I believe its 1/2 horse with 25' head height. I also tried a pond pump with the same 25' head height and they both work pretty much the same. Barely trickling out on the top flood tray.

I was reading how skyscrapers deliver water to the top floors and they seem to deliver water to the middle first, then to the top as it would take too much energy in a pump to pump from ground level all the way to the top. I could put a flood "box" halfway up that would have a pump deliver to the top flood tray... but that seems like a lot of engineering to get water to a flood tray 12' in the air?


----------



## tyepoe (Jan 4, 2020)

Just for reference check out this pic I've attached... how in the sam hell do they get water that high up to the top trays? Million dollar pump?


----------



## dakindgrind (Jan 4, 2020)

High Volume Centrifugal Pump - Three Phase, 2 HP - FarmTek


<p class="es-catalog-item__summary">Quickly and easily moves large volumes of water.</p> <ul class="es-catalog-item__list"> <li>Medium head models feature heavy-duty motors.</li> <li>Four-position discharge.</li> <li>J Series with Noryl® impellers are abrasion-resistant for normal...



www.farmtek.com





Something like this will get water where you need it. Not a million dollar pump but you may spend $300+ depending on volume and hp/ speed of water delivery.

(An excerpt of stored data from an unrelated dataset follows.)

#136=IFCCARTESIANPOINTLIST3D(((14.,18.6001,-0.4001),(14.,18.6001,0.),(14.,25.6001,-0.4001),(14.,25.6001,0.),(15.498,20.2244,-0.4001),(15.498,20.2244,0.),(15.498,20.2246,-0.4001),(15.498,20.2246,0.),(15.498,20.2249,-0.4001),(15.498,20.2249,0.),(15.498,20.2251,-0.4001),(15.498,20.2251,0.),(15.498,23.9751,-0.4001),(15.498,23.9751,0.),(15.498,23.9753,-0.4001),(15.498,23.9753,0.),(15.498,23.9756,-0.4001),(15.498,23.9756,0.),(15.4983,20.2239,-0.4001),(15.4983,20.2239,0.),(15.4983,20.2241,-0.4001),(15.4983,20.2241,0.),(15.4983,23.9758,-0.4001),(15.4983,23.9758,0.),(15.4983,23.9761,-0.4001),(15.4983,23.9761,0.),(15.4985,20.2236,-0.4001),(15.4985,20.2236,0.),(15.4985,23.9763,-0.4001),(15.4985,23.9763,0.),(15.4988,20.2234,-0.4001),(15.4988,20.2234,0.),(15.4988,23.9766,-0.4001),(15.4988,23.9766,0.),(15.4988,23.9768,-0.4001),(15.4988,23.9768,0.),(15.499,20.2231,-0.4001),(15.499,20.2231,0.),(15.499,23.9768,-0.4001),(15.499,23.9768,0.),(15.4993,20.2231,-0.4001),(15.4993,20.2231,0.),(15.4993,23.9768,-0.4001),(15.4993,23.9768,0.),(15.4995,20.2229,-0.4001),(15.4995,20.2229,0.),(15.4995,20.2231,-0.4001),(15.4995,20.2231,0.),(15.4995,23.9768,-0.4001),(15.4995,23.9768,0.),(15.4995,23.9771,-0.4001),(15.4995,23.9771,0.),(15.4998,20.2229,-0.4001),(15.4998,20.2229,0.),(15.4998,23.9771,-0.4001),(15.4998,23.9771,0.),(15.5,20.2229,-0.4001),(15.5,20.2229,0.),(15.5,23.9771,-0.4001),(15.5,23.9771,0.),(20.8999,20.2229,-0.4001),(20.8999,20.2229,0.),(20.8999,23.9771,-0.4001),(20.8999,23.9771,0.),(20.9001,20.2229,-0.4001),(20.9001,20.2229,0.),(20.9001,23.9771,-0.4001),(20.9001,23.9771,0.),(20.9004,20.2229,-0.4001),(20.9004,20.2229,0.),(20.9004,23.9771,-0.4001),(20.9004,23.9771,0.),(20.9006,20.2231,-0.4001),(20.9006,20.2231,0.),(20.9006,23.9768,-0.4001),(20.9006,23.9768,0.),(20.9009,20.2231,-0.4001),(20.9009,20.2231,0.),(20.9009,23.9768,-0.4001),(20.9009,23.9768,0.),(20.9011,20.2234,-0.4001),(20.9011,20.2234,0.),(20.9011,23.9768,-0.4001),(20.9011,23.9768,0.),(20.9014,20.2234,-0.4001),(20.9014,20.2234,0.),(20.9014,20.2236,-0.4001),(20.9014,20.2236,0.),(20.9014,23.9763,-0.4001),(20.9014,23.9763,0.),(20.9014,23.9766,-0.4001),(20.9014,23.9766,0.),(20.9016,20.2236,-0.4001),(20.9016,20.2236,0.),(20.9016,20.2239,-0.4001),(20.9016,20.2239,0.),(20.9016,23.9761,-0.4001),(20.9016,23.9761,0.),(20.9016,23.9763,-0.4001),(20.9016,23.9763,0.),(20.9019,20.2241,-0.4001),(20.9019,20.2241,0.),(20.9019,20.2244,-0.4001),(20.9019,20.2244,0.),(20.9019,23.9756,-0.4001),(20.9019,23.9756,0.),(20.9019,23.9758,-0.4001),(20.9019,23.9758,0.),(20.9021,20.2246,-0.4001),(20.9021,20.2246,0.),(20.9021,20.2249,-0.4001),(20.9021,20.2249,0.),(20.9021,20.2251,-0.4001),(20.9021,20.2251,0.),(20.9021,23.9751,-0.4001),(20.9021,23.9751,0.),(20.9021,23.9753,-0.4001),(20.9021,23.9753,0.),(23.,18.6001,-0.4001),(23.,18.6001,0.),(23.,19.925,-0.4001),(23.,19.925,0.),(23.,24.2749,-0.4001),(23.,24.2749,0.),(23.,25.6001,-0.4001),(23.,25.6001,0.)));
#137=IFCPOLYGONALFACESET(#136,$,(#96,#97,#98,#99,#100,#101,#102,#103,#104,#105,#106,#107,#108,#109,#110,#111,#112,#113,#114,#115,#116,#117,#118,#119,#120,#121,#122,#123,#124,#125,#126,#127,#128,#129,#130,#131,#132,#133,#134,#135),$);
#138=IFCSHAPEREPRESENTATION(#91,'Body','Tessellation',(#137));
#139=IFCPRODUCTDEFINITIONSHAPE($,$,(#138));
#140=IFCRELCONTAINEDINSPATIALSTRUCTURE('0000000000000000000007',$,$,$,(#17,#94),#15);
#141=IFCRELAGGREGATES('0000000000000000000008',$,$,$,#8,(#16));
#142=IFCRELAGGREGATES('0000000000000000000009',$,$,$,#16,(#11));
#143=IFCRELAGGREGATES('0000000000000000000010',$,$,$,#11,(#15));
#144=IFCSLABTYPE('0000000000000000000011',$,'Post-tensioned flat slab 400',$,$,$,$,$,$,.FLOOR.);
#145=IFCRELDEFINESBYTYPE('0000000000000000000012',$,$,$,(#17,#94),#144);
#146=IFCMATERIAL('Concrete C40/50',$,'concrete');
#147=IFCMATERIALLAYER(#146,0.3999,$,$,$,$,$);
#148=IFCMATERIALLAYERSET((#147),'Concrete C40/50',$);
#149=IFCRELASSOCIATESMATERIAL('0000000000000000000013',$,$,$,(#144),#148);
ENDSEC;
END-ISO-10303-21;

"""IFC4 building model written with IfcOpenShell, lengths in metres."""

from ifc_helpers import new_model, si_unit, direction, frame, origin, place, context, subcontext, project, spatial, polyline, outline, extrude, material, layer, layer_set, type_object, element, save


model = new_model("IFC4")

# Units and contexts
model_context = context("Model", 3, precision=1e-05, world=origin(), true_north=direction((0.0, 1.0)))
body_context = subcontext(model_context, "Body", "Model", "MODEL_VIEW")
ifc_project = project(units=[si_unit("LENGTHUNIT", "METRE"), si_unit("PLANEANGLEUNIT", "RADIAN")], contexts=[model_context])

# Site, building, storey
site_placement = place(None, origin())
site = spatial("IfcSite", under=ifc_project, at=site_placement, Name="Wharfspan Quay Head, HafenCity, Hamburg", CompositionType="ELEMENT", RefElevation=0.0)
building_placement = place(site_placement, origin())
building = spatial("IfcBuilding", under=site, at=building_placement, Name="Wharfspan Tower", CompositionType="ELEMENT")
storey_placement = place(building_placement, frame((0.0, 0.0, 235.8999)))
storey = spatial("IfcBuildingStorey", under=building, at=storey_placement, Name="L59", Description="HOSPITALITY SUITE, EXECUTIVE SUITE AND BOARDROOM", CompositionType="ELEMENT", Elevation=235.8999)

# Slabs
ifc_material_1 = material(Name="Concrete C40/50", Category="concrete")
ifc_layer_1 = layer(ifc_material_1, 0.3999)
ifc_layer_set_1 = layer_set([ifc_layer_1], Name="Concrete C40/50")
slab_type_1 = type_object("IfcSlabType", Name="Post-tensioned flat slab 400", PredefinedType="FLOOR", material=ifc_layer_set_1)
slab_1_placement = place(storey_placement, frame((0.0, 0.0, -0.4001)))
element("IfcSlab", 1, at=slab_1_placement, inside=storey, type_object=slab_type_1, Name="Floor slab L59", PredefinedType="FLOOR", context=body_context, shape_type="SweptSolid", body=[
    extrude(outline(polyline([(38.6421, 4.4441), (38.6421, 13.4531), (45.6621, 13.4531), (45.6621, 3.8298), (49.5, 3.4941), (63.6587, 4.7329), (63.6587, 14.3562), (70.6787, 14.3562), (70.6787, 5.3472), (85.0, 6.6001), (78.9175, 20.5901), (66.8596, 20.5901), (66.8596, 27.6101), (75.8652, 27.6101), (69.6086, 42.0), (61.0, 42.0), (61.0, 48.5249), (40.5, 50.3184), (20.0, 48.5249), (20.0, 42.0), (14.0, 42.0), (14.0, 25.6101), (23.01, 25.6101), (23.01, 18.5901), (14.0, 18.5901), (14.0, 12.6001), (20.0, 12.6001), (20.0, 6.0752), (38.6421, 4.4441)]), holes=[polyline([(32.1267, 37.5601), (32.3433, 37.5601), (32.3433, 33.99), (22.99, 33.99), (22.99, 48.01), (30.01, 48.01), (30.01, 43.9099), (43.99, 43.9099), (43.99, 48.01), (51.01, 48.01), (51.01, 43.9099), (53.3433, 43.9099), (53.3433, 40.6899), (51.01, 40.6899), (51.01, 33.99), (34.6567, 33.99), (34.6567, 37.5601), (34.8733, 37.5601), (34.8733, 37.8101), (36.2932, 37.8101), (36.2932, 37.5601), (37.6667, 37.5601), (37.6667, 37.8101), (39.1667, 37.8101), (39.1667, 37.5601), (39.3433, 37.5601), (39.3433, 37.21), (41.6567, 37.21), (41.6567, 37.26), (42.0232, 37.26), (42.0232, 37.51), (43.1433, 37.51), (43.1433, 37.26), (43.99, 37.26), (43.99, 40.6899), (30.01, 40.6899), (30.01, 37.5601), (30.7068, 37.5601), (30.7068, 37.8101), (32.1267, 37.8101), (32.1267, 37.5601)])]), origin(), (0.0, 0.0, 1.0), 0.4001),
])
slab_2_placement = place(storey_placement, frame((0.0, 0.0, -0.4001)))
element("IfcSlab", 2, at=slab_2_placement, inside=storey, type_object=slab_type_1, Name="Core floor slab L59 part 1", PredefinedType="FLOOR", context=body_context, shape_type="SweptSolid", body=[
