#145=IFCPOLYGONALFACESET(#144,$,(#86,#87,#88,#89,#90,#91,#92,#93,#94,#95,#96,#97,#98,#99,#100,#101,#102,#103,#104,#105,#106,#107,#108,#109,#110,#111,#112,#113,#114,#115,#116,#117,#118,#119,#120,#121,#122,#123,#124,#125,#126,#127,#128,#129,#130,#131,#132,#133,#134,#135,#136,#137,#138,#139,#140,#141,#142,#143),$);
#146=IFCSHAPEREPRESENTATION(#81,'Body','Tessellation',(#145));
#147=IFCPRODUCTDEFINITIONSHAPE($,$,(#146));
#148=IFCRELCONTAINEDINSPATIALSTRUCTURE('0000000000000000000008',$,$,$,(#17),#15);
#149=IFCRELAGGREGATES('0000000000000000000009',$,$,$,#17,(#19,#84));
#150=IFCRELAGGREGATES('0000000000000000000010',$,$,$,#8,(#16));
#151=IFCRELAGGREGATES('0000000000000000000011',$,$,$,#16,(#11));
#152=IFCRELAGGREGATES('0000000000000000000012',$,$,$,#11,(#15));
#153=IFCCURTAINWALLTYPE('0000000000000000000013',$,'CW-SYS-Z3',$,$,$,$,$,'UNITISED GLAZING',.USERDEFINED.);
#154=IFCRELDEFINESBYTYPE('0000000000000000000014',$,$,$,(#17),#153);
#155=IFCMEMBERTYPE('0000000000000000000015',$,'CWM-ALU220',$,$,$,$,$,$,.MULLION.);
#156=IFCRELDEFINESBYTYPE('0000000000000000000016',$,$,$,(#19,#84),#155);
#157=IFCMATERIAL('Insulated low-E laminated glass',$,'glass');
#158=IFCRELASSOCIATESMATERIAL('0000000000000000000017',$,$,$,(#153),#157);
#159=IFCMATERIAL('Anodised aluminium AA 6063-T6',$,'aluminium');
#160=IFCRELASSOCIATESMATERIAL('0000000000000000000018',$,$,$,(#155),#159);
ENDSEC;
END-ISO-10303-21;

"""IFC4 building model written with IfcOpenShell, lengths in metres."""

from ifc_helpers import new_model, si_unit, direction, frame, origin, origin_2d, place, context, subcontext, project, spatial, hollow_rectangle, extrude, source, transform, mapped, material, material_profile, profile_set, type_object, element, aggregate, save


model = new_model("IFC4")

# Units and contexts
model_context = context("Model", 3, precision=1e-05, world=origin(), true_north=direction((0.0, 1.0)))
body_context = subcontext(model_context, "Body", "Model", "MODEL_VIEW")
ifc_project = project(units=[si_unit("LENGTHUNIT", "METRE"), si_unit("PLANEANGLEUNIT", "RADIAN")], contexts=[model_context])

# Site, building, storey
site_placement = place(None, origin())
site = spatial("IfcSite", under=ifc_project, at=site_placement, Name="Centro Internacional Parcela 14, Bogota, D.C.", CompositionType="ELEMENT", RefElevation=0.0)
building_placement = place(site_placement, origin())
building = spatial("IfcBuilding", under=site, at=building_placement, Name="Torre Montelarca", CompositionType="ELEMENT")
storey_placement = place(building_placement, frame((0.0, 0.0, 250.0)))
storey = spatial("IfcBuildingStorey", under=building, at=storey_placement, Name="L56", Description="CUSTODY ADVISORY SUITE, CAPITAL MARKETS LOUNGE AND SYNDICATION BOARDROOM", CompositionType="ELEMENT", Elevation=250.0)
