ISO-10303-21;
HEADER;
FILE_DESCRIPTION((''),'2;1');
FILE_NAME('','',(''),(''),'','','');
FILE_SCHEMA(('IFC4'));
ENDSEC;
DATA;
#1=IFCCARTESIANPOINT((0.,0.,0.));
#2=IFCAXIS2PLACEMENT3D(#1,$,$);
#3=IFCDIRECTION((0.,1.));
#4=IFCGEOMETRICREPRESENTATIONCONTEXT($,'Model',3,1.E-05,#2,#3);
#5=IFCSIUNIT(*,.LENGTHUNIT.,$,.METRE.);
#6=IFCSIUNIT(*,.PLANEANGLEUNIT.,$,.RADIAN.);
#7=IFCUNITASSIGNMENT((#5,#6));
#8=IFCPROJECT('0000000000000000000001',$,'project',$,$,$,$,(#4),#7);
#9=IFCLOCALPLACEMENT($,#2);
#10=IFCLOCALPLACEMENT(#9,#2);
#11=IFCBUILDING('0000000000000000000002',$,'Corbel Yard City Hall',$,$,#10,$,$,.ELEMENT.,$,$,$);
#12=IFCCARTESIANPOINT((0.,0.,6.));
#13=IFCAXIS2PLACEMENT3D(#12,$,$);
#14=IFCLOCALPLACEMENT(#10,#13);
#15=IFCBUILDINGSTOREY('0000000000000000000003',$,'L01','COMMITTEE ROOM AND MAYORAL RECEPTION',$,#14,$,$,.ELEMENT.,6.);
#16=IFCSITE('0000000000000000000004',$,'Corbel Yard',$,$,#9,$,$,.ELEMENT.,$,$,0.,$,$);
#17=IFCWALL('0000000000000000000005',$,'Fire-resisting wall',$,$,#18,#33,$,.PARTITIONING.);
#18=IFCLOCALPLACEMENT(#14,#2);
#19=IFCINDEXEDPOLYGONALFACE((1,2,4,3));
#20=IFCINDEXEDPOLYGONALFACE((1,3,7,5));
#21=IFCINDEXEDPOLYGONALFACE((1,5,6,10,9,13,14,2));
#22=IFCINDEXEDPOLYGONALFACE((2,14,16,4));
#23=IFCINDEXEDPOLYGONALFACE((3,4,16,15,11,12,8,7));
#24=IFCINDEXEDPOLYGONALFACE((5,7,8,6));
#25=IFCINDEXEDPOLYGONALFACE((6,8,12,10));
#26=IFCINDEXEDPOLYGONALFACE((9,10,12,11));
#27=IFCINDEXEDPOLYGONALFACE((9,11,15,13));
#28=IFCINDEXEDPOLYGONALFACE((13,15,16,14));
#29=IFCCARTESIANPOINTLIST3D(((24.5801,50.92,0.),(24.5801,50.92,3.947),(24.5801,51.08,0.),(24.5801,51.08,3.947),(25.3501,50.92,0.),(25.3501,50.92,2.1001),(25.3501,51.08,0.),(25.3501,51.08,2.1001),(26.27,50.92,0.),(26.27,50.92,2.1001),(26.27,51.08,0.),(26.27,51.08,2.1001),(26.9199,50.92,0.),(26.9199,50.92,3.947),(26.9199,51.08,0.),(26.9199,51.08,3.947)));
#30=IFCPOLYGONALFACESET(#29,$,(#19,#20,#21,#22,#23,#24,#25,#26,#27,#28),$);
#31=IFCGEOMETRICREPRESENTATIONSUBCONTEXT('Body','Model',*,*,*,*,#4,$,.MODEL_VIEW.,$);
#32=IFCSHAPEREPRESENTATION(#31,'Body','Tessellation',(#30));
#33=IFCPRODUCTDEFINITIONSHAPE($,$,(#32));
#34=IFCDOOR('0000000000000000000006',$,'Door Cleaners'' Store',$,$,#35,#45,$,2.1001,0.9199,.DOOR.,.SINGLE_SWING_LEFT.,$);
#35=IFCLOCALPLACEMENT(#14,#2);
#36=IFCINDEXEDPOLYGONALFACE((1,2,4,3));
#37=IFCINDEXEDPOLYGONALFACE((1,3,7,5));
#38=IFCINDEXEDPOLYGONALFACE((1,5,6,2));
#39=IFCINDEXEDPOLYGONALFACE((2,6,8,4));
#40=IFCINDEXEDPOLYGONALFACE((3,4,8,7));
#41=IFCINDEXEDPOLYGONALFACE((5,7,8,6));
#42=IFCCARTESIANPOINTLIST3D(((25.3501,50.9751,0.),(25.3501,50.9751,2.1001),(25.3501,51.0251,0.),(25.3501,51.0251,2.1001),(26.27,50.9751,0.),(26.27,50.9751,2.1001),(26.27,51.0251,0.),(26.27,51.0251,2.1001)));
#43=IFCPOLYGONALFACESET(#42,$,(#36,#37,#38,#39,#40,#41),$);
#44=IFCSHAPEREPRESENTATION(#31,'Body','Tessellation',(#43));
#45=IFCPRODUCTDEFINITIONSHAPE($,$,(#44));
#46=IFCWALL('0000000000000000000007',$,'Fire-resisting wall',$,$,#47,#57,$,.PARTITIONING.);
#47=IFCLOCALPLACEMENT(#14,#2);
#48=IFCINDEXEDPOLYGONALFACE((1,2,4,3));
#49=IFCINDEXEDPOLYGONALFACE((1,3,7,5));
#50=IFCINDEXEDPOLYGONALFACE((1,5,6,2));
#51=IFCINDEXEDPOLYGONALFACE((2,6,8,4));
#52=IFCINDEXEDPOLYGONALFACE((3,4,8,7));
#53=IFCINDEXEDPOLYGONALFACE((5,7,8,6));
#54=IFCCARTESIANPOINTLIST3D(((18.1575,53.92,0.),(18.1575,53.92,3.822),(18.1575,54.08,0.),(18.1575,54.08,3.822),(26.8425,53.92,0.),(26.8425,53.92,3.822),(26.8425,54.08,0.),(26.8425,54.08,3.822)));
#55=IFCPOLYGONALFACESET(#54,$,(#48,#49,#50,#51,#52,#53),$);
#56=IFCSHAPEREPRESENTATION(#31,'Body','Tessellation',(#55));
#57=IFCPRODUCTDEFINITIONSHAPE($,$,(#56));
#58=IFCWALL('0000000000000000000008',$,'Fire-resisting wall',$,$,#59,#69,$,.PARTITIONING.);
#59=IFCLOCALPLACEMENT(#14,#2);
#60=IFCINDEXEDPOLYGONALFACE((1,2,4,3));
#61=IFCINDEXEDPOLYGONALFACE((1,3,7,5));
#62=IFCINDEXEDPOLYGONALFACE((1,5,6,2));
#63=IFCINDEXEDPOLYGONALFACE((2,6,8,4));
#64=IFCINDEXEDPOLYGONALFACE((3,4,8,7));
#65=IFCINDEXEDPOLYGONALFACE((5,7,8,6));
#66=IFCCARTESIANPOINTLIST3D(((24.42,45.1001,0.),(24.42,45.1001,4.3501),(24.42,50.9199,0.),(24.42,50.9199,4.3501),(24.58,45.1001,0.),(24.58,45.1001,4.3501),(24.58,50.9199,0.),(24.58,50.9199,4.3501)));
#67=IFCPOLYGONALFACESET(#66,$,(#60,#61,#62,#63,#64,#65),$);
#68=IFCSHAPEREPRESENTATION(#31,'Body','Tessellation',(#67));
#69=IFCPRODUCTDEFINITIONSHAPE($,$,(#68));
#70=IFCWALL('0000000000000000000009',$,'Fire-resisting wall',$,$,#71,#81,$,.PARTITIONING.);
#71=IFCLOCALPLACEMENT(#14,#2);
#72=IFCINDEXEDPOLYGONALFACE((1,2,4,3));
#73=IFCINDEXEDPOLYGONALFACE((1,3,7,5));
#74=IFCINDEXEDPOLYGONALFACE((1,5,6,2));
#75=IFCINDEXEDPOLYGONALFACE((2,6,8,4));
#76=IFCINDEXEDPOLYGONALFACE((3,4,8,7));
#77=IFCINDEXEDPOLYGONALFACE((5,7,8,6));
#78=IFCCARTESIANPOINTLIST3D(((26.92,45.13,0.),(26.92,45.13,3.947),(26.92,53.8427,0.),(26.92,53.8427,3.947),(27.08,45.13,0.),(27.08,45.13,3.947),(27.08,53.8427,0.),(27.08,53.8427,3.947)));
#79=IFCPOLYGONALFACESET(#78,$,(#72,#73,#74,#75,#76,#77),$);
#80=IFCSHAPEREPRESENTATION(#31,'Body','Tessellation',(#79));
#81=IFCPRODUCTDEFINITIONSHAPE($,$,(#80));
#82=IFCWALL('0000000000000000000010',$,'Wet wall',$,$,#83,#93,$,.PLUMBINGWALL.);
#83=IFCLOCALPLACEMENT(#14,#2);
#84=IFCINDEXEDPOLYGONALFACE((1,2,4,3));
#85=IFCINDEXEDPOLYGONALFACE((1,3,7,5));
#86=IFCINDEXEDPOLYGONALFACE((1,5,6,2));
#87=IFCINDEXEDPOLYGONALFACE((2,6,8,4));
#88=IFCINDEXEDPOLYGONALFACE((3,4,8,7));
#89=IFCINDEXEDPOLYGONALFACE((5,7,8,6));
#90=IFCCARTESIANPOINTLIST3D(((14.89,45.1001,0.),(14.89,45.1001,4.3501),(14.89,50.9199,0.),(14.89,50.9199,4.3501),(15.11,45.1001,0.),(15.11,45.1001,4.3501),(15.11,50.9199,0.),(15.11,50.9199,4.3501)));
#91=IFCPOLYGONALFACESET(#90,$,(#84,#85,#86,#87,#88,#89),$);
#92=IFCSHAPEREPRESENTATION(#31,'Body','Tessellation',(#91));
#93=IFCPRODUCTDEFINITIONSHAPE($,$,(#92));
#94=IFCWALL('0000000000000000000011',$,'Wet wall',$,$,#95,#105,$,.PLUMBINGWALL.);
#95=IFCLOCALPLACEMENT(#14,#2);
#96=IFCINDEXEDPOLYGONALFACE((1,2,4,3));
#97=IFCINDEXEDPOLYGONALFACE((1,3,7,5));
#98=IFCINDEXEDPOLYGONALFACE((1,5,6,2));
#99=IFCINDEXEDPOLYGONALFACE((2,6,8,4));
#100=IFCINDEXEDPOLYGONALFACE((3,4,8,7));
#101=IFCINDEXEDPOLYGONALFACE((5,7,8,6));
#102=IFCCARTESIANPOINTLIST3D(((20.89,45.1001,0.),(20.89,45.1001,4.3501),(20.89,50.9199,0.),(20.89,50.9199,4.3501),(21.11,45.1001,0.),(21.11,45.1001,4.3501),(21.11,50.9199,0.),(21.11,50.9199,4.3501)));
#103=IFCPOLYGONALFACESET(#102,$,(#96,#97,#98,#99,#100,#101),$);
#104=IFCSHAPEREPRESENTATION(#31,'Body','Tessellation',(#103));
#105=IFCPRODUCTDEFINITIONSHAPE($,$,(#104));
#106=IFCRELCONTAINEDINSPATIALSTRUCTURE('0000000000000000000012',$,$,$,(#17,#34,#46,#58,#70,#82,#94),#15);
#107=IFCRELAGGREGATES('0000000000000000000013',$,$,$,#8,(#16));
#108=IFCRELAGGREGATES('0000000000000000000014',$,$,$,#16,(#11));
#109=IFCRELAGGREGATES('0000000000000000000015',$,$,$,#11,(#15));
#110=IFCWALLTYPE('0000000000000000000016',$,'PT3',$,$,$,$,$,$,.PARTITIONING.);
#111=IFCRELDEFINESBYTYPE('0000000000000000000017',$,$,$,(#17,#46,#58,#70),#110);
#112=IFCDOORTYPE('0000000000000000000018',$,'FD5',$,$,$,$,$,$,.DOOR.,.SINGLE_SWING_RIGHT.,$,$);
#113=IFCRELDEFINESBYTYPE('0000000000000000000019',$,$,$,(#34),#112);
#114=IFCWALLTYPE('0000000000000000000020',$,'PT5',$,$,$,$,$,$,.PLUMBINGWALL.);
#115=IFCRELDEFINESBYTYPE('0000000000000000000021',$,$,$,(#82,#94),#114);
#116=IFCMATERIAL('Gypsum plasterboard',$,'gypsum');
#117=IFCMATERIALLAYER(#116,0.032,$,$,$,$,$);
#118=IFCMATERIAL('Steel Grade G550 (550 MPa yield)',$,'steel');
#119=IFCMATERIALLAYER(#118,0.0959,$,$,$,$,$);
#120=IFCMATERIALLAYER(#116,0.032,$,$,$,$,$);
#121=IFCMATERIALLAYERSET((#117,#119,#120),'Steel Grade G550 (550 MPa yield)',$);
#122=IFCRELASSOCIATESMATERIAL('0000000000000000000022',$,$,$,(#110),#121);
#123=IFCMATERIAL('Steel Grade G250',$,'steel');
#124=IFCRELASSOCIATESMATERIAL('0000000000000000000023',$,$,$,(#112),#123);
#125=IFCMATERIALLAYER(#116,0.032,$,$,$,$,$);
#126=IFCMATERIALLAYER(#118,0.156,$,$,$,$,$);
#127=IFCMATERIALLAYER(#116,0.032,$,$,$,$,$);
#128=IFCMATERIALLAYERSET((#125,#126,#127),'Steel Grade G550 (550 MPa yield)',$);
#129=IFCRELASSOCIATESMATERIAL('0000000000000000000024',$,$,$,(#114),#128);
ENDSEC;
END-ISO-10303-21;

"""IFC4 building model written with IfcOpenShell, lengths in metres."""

from ifc_helpers import new_model, si_unit, direction, frame, frame_2d, origin, place, context, subcontext, project, spatial, rectangle, extrude, material, layer, layer_set, type_object, element, fill, save


model = new_model("IFC4")

# Units and contexts
model_context = context("Model", 3, precision=1e-05, world=origin(), true_north=direction((0.0, 1.0)))
body_context = subcontext(model_context, "Body", "Model", "MODEL_VIEW")
ifc_project = project(units=[si_unit("LENGTHUNIT", "METRE"), si_unit("PLANEANGLEUNIT", "RADIAN")], contexts=[model_context])

# Site, building, storey
site_placement = place(None, origin())
site = spatial("IfcSite", under=ifc_project, at=site_placement, Name="Corbel Yard", CompositionType="ELEMENT", RefElevation=0.0)
building_placement = place(site_placement, origin())
building = spatial("IfcBuilding", under=site, at=building_placement, Name="Corbel Yard City Hall", CompositionType="ELEMENT")
storey_placement = place(building_placement, frame((0.0, 0.0, 6.0)))
storey = spatial("IfcBuildingStorey", under=building, at=storey_placement, Name="L01", Description="COMMITTEE ROOM AND MAYORAL RECEPTION", CompositionType="ELEMENT", Elevation=6.0)

# Shared definitions
ifc_material_1 = material(Name="Gypsum plasterboard", Category="gypsum")
ifc_material_2 = material(Name="Steel Grade G550 (550 MPa yield)", Category="steel")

Are you using rigid lines like pvc or sharkbite?

I’ve seen these inline pumps supply water up mountain sides as well as through entire facilities with many legs on the manifold.


----------



## Mak'er Grow (Jan 4, 2020)

What would a home pool pump work in this situation...or a hot tub/jacuzzi pump ?
They seem to have a lot of power. I have never worked on them, but curious if anyone knows how much they can push and how high.
See them online a lot for cheap.
Only other thing I can think of is split the res into 2 and put one res half way up to top tray. 2 pumps where floor res pumps to upper res then 2nd res pumps out to trays then the trays drain back to floor/1st res to cycle again
Hope that makes sense...lol


----------



## myke (Jan 4, 2020)

Have you tried a 12v RV pump?They have a lot of pressure but not sure on height,worth a look into.That sure is a lot going on in that room.


----------



## tyepoe (Jan 4, 2020)

Thanks dakindgrind I'll look into those type of pumps. I think I'm mainly looking for head height which I think is pressure? I know the 1/2 horse pump I'm using, we used to water the field and would give great pressure at 150ft but as far sending water into the air, it only goes so far. Something tells me I'm really just looking at more horsepower. I keep seeing systems like this online but they dont tell you your going to need a massive motor for the system to even work!


----------



## tyepoe (Jan 4, 2020)

I'm looking at paying a commercial consultant to provide me with answers so I'll let ya know what they say when I do


----------



## dakindgrind (Jan 4, 2020)

This was on the farmtek spec sheet and should give you a better idea of what the hp is capable of.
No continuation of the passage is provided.